Yes, and better determine who needs to evacuate. It costs about $1 million a mile (1.6 kilometers) to evacuate for a storm like that. The capabilities that the National Oceanic and Atmospheric Administration is going to get with its next generation of geostationary weather satellites will be the kinds of capabilities that the Geosynchronous Imaging Fourier Transform Spectrometer was built to demonstrate. If we could find a launch for it and the money to space-qualify it — we don’t have all space-rated parts in it — it could be up in 2008.
Whether or not the instrument will find its way into space, I don’t know. It’s money based. The science is certainly worth doing. The capability of the instrument is worth doing. But it would probably cost about $100 million to finish and launch it.
The international community is interested in providing a ride, and there are a lot of conversations going on with them. And whether or not you could put together a package that is compliant with export rules, and find the dollars someplace to certify the instrument — there are a lot of unknowns.
There are a lot of good reasons why it should fly, and the only reason it’s not flying right now is money. The international community wants it to fly and could come up with a launch vehicle, but I don’t think they could come up with the money to get it space-qualified. You look at $62 billion being appropriated for clean up for Katrina and Rita, and less than 1 percent of that would fly this instrument. Would it be worth it?
If you could evacuate 100 miles less of coastline at $1 million per mile, you’d pay for it.
How does the Pentagon’s push toward responsive space systems affect your revenue outlook?
We helped put together a concept for a hyperspectral imager for the military’s TacSat program. They asked us to bid on building it, but it went to Raytheon. It was very frustrating.
We have capability in that area. We’re doing a little bit of research on a reconfigurable spacecraft, and how you build a stable of sensors that you can have on the shelf, because just having responsive satellites doesn’t do much good without payloads. We’re researching a number of technologies, one of which would be a breakthrough for the miniaturization of sensors.

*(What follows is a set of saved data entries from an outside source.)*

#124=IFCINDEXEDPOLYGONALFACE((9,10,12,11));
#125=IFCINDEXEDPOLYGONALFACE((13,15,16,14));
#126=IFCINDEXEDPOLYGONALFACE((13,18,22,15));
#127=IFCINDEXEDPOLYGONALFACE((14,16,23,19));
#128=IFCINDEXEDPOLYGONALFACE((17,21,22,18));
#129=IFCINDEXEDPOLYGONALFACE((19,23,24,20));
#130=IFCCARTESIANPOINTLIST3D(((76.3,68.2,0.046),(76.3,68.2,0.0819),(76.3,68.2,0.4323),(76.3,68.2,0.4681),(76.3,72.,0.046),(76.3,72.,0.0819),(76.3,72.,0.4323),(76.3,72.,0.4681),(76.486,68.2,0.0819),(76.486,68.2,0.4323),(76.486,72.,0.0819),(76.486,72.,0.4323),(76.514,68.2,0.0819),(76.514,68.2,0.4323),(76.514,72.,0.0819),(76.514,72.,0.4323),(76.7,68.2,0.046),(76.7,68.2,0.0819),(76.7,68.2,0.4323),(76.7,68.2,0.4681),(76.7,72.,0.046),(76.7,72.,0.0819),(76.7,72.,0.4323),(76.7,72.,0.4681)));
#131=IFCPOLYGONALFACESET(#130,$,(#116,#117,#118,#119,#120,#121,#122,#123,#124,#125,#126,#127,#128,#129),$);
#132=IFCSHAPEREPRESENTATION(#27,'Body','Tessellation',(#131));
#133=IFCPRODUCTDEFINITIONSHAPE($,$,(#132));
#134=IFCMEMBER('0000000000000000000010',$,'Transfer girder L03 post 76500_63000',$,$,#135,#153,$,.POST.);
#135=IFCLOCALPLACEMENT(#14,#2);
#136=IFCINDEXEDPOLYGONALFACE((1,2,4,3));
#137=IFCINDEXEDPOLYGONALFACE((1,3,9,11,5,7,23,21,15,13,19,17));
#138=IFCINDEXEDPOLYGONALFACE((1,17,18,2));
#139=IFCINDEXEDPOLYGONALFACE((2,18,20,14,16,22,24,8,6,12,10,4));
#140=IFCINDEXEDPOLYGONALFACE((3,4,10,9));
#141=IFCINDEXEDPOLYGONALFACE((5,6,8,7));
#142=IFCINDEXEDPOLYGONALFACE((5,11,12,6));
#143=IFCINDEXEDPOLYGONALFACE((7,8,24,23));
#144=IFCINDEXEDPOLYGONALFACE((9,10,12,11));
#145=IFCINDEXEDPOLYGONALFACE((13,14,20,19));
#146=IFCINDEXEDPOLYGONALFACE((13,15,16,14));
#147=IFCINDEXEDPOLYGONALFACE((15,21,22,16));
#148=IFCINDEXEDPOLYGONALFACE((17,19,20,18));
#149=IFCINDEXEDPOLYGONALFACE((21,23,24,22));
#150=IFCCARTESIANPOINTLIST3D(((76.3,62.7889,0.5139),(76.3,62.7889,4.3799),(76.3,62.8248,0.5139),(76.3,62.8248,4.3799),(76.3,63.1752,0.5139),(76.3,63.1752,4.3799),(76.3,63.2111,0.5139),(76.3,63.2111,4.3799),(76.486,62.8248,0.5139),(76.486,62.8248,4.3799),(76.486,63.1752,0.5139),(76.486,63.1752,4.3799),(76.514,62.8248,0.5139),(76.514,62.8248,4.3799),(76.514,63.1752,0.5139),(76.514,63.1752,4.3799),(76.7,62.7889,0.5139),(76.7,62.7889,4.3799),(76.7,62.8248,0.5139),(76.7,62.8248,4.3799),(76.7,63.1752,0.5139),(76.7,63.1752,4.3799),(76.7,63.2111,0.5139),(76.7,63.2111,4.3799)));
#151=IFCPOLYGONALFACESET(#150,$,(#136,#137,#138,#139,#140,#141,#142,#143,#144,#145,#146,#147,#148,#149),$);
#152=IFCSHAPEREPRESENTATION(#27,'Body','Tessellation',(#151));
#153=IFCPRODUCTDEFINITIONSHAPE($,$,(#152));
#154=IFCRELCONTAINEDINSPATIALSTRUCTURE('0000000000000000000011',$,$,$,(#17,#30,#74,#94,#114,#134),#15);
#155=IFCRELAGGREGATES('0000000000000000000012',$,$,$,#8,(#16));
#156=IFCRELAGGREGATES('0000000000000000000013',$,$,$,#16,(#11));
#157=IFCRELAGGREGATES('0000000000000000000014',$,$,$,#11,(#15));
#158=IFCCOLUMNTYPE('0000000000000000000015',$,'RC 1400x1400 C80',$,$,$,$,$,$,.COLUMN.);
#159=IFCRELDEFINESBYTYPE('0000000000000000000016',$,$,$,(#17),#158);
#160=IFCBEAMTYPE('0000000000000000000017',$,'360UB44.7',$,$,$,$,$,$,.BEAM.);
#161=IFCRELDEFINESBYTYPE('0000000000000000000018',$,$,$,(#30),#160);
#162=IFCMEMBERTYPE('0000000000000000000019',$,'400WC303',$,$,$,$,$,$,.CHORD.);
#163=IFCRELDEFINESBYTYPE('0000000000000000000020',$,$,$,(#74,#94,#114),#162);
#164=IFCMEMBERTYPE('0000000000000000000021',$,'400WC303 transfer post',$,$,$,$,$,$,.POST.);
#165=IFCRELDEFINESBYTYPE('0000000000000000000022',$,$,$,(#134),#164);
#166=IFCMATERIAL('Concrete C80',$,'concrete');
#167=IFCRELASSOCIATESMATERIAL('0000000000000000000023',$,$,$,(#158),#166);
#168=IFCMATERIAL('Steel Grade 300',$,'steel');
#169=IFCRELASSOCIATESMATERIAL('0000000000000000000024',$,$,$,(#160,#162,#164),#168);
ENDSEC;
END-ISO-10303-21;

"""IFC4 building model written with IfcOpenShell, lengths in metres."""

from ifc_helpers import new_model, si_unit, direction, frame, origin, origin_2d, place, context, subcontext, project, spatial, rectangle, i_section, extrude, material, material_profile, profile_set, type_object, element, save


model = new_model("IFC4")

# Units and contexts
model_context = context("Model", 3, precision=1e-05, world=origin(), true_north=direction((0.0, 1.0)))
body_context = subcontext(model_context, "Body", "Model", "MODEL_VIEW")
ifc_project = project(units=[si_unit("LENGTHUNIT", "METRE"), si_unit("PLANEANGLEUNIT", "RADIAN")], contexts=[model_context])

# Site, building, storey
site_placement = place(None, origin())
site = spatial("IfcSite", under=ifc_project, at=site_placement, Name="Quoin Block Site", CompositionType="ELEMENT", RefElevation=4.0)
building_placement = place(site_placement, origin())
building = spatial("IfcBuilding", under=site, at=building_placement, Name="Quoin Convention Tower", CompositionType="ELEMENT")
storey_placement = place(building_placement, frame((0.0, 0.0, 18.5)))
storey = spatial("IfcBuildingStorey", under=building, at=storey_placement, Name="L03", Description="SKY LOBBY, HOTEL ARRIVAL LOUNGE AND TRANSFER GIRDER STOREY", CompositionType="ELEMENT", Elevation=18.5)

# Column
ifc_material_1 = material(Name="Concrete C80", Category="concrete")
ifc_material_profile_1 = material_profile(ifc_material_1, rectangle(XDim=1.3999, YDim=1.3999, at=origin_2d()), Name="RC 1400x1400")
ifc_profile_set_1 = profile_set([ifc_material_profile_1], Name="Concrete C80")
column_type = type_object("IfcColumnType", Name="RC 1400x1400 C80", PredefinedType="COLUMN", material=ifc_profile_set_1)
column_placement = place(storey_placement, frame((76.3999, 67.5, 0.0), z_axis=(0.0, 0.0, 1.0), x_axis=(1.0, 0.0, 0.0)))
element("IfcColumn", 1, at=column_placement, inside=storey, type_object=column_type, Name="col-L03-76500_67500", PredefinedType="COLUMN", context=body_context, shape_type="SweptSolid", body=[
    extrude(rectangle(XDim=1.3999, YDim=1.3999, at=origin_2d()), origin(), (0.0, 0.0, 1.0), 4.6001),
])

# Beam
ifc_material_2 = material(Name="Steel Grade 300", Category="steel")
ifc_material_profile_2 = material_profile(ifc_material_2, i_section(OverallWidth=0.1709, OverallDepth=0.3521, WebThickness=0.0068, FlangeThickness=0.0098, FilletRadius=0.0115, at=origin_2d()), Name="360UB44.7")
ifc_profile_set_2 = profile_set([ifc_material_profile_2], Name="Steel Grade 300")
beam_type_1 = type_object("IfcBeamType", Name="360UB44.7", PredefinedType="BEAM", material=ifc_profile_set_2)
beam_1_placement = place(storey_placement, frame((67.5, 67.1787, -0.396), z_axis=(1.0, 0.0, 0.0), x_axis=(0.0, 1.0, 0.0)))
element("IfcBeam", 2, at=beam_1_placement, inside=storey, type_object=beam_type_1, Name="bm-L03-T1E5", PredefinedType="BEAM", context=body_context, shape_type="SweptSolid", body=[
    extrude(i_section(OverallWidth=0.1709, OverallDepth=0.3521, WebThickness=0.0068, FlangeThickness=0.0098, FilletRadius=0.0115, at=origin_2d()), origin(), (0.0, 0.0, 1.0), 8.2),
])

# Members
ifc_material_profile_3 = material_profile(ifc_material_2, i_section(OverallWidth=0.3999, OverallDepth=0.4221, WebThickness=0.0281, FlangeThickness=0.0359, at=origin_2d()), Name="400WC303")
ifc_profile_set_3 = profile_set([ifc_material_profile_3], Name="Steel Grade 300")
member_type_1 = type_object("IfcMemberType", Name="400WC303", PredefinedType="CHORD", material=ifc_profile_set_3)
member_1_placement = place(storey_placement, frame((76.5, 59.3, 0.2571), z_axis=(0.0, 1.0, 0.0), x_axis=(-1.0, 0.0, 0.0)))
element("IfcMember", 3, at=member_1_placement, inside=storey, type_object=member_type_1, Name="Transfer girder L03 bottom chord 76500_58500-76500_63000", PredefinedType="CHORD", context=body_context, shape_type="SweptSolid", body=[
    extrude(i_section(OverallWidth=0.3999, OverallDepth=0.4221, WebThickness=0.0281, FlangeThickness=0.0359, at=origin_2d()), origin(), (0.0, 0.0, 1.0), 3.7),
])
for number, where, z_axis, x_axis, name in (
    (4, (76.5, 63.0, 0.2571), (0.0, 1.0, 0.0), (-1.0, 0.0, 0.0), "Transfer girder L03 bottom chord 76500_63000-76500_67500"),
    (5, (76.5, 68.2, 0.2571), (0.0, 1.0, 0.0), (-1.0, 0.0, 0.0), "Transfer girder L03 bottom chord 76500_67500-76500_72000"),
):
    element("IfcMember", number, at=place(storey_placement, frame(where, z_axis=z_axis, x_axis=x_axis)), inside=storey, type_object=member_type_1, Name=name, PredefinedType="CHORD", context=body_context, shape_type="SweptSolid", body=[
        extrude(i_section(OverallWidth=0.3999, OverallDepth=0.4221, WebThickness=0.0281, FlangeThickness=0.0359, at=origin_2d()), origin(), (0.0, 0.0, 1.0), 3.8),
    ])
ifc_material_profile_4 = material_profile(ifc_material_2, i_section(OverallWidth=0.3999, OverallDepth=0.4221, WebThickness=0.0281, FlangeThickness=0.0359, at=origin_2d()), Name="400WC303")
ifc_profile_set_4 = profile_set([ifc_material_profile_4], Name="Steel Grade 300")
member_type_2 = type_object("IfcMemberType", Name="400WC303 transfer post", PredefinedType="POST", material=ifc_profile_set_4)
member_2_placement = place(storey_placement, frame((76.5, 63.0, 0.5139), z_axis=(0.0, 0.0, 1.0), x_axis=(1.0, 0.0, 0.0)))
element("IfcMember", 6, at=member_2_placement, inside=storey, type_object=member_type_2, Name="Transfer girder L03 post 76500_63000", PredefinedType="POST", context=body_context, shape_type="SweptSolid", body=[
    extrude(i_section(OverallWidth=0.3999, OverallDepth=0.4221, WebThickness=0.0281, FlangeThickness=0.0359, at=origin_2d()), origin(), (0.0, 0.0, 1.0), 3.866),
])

What other opportunities do you see?
We’re looking at cyber security. There is a lot of potential damage that can be done in that area. In our intelligence, surveillance and reconnaissance division, we have done significant software-based work with things like data compression, so we have some capability for protection in that area, and will continue to develop it.
We’re also working on a project for the Department of Agriculture using lidar (light detection and ranging) , and partnering with university professors in the chemistry department to go to an agricultural site and demonstrate that something that cannot be seen by the visual eye can be seen by lidar. The elements of the off-gassing of a swine farm is an example.
We’re developing a mobile system that can be used to help that problem by measuring what is coming off, where is it going, how fast is it dissipating, the level of ammonia and other things that environmentalists are concerned with.
You get a stink off a pig farm. What’s in it? It smells bad, but is it health-harmful? The government tries to regulate when farmers plow their fields. Why? Is there a reason to do that? Is there something in that that is harmful? Until you characterize what is off-gassing and determine the amount, you don’t know. To have a mobile capability to check that out can help establish limits.
Are you concerned about losing work to the Air Force’s Arnold Engineering Test Center?
Arnold really deals with bigger stuff. I like to look at us as complementary. They were calibrating an instrument for the Missile Defense Agency’s Near Field Infrared Experiment satellite, and there were some issues with the spacecraft that I can’t get into that we were able to help with.
I view us as working cooperatively with government agencies involved in this area. We do different things — bring different things to the table — and together are much stronger than either of us independently.